Un des défauts qui ressort avec Trial By Fire, c’est le temps de démarrage réel du titre après une introduction. Dommage car ici le chant se fait largement plus virulent que sur les plages précédentes, et qu’énergie et vitesse sont au rendez-vous, donnant à l’ensemble un petit côté « speed metal » qui rattache SAVAGE GRACE à des groupes tels HELSTAR ou LAAZ ROCKIT. Une plage qui sort vraiment du lot par son déferlement d’énergie.
Petit intermède orientalisant avec Palestini pour lancer un Age Of Innocence qui ne s’embarrasse pas de détail et rentre dans le lard immédiatement, adoptant aussi une orientation « speed metal » toujours bien venue en ces temps de grands froids. On sent que le groupe a enfin pris son envol. Ce que Flesh And Blood confirme par des guitares hurlantes bientôt rejointes par une voix également hurlante et des chœurs du genre courts et costauds.

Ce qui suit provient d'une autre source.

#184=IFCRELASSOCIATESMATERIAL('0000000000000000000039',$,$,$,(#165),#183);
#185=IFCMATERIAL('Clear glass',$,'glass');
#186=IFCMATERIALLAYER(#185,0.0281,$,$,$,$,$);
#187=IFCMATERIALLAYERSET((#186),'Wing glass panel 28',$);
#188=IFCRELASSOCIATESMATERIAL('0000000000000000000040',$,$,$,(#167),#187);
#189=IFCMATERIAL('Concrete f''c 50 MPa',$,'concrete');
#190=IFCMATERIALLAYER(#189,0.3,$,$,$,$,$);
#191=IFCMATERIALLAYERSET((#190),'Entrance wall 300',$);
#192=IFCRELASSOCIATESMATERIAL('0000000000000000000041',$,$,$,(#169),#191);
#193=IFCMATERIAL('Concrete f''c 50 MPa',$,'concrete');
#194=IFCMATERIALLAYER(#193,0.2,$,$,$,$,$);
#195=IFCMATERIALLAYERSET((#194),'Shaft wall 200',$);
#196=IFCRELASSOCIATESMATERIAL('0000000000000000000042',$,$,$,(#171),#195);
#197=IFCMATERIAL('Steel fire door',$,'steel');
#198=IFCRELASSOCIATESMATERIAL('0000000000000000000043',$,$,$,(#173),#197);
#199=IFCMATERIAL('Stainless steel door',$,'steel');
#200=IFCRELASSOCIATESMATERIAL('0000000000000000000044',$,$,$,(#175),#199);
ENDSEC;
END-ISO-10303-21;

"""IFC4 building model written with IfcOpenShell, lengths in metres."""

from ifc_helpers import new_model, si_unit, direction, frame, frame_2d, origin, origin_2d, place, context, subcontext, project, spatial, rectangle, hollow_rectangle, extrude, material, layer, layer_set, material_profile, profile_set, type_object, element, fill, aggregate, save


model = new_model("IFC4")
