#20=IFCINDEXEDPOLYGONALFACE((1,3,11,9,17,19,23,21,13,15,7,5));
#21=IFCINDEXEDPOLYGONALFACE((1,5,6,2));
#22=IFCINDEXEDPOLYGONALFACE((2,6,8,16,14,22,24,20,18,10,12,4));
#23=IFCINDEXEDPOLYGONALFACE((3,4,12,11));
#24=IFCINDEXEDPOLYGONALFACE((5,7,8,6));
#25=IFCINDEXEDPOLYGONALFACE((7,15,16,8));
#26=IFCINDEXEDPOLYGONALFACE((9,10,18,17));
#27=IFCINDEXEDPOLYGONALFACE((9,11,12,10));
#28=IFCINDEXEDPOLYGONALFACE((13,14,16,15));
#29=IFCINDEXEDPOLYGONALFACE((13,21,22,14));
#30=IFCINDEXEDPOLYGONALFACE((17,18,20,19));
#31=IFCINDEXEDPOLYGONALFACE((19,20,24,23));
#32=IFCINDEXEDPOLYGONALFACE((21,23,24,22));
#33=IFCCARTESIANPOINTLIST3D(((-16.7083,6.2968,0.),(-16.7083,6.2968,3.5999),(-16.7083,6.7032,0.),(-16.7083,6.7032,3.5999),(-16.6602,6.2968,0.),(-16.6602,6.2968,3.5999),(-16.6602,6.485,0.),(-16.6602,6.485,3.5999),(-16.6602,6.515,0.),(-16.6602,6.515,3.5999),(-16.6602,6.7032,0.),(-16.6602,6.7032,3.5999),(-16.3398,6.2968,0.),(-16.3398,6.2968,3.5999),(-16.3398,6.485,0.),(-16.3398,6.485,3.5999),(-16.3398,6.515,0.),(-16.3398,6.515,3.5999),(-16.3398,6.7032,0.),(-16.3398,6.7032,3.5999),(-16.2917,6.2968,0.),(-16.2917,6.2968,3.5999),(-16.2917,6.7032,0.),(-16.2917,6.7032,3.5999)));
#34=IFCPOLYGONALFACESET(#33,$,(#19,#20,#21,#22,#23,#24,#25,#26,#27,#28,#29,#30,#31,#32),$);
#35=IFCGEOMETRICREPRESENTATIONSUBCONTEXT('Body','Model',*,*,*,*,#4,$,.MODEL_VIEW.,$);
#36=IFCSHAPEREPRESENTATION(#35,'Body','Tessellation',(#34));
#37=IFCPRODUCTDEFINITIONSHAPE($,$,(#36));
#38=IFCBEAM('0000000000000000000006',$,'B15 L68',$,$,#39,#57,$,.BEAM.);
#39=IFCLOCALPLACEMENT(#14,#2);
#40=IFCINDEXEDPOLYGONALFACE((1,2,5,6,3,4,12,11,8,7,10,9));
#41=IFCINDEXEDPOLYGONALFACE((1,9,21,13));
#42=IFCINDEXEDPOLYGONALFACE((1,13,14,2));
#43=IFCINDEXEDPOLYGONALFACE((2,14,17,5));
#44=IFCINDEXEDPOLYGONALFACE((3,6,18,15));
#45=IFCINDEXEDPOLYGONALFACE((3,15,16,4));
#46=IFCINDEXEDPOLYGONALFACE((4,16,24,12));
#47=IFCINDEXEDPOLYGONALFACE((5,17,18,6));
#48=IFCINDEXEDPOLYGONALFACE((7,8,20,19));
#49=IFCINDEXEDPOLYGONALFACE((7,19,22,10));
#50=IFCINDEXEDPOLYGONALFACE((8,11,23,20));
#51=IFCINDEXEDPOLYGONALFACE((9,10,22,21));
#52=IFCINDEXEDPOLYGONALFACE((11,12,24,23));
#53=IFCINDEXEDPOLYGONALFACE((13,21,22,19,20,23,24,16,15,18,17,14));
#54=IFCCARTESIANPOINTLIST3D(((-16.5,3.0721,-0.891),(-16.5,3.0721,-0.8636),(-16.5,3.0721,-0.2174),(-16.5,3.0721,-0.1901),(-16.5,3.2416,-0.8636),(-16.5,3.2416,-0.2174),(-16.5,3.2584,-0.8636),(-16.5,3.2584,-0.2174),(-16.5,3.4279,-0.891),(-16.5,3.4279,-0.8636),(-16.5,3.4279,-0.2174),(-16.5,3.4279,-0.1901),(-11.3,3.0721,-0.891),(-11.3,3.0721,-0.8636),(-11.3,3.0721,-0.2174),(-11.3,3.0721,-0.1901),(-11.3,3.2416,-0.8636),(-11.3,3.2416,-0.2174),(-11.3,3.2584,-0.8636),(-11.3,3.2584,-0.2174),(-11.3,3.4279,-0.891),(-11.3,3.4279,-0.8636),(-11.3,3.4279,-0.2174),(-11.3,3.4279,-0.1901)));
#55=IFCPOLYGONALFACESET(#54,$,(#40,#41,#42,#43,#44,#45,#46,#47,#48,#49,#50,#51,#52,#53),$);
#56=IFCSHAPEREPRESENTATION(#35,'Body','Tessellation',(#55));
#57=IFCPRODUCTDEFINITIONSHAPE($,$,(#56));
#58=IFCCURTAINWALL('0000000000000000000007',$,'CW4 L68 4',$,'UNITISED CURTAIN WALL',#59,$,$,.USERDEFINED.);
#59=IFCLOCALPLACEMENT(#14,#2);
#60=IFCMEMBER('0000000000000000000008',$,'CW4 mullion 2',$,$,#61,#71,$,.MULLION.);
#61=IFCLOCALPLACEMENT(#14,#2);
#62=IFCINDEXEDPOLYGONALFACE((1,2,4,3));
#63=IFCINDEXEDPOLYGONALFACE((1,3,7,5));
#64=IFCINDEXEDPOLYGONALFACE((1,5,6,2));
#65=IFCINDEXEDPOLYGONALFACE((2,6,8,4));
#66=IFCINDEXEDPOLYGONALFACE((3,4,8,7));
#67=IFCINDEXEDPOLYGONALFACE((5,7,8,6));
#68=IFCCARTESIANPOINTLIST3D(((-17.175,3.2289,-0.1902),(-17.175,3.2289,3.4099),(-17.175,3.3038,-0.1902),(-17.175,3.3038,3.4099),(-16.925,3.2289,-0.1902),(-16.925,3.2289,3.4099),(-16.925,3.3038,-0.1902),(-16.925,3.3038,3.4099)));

On ne change pas une formule qui gagne, et c’est à nouveau un riff très hystérique qui ouvre les hostilités pour Destination Unknown. La voix se fait plus posée que sur la plage précédente, et vraisemblablement, le chanteur donne le meilleur de lui-même dans ce registre-là. Le ralentissement opéré par Tales Of Mystery permet de souffler quelque peu. Même si le riff reste énergique, le tempo modéré du titre est surtout insufflé par la façon dont la voix vient se greffer sur l’ossature rythmique. Cette apparente délicatesse permet d’ailleurs au solo de ressortir magnifiquement.

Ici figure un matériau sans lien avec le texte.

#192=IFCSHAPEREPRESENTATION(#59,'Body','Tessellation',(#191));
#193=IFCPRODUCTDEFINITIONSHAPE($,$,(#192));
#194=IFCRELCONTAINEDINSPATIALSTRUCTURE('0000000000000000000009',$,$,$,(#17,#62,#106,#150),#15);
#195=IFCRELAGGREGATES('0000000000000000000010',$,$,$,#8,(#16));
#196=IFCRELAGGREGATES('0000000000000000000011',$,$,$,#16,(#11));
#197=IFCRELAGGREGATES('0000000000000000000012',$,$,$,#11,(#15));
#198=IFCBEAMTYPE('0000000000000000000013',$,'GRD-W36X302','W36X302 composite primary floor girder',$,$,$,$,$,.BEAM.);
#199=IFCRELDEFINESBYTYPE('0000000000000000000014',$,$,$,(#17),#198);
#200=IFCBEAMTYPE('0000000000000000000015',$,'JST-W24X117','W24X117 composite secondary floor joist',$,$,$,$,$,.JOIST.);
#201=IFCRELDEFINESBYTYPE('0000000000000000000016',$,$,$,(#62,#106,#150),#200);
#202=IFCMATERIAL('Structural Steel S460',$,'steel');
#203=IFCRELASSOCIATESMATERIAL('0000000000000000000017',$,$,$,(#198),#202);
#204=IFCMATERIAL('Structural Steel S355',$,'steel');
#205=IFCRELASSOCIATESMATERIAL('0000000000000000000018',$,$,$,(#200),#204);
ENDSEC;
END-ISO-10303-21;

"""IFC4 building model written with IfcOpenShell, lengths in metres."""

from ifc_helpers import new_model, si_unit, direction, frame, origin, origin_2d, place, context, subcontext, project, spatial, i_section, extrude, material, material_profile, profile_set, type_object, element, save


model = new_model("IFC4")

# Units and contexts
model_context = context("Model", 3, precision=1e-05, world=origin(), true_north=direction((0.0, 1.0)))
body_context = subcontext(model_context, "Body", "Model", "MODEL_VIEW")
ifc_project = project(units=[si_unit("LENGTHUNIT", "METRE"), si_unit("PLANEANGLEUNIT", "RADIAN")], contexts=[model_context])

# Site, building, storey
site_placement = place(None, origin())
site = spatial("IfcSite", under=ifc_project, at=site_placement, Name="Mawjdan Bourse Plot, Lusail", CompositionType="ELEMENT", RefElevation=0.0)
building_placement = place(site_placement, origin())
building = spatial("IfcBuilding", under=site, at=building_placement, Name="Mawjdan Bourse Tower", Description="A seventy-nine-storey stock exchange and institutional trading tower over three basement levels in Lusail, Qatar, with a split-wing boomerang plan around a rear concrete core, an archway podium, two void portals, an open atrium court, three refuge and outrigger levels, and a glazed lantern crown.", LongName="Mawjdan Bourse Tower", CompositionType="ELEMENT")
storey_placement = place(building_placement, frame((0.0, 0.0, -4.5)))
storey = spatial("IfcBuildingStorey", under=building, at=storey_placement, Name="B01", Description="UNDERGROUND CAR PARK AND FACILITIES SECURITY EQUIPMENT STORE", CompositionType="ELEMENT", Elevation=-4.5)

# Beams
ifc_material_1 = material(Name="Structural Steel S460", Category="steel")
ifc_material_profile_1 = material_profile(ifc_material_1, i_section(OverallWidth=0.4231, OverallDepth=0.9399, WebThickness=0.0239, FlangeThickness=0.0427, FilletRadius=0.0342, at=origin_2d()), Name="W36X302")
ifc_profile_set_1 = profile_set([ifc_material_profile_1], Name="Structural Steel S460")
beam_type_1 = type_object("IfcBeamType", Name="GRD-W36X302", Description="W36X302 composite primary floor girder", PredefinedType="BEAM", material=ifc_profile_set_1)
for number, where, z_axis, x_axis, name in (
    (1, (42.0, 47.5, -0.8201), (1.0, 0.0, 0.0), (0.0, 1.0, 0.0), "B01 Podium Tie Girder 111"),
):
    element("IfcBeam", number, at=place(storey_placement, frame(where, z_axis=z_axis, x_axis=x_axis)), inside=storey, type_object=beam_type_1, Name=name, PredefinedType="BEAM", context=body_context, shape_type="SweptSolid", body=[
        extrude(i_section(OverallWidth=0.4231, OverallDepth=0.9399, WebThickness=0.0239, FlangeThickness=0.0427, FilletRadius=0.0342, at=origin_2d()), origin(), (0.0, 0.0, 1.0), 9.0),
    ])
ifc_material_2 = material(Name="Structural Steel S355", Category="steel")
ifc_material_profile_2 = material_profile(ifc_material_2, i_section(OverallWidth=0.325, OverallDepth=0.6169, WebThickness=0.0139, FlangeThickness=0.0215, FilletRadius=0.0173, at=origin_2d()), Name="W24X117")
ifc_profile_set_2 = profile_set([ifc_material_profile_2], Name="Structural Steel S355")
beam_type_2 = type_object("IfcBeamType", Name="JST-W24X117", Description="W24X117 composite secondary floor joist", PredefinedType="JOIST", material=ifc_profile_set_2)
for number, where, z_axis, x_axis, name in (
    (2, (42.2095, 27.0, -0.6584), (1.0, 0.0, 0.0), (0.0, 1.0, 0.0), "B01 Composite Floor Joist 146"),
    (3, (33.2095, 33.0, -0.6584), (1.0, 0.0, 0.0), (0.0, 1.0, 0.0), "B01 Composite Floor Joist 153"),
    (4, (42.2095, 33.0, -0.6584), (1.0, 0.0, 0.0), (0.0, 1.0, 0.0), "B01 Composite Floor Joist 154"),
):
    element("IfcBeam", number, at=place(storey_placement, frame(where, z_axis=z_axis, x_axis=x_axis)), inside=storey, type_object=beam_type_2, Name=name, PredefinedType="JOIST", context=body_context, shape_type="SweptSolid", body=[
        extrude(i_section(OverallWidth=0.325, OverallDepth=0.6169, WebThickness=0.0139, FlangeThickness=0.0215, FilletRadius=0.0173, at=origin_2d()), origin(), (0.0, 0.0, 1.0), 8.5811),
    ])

Passons sur le EP RIDE INTO THE NIGHT. Le groupe appuie directement sur l’accélérateur avec Ride Into The Night. Toutes les caractéristiques de SAVAGE GRACE se trouvent à nouveau mixées dans un exemple typique de ce que fut le Speed Metal américain, une plage qui déboule à fond la caisse. A part une introduction plus calme, We March On repose aussi sur le succès des mêmes formules. Court moment de repos avec The Healing Hand qui voit les musiciens se la jouer roublard, car on a l’impression d’assister à l’introduction d’une ballade avant que traîtreusement, ils ne nous submergent de riffs, de roulements de batteries et de soli en fureur qui soutiennent un chant plus modéré que speed. La plage bénéficie aussi d’un break très calme avant que ne reprenne la tempête.
Reprise surprise avec le Burn de DEEP PURPLE. Bon, le fait est que ce n’est pas tout à fait ça. Pour reproduire le doigté d’un Jon Lord ou d’un Ritchie Blackmore, faut se lever tôt, alors même en étant plutôt bon public pour des reprises bien speed, celle-ci ne convainc pas. Dans un autre registre Mainline Love avait été enregistré uniquement pour une compilation : deux plages parfaitement dispensables donc. Autres titres bonus : deux titres captées en public et que le groupe jouait régulièrement lors de ses prestations : Bare Bottom Blues et Such A Dirty Mind. Deux excellents morceaux qui donnent une bonne idée du son du groupe en public, mais qui se différencient quand même largement de ce qu’on entend sur la présente galette, le chant et le ton nettement moins speed en général. Une preuve aussi de l’orientation en girouette que le groupe a prise au fil des années et qui ont empêché l’établissement d’une base solide de fans.
Une remastérisation réussie, certes oui, mais le style du groupe a quand même pris un sérieux coup dans l’aile et tout cela sonne très, trop, années ’80. Pour les inconditionnels seulement.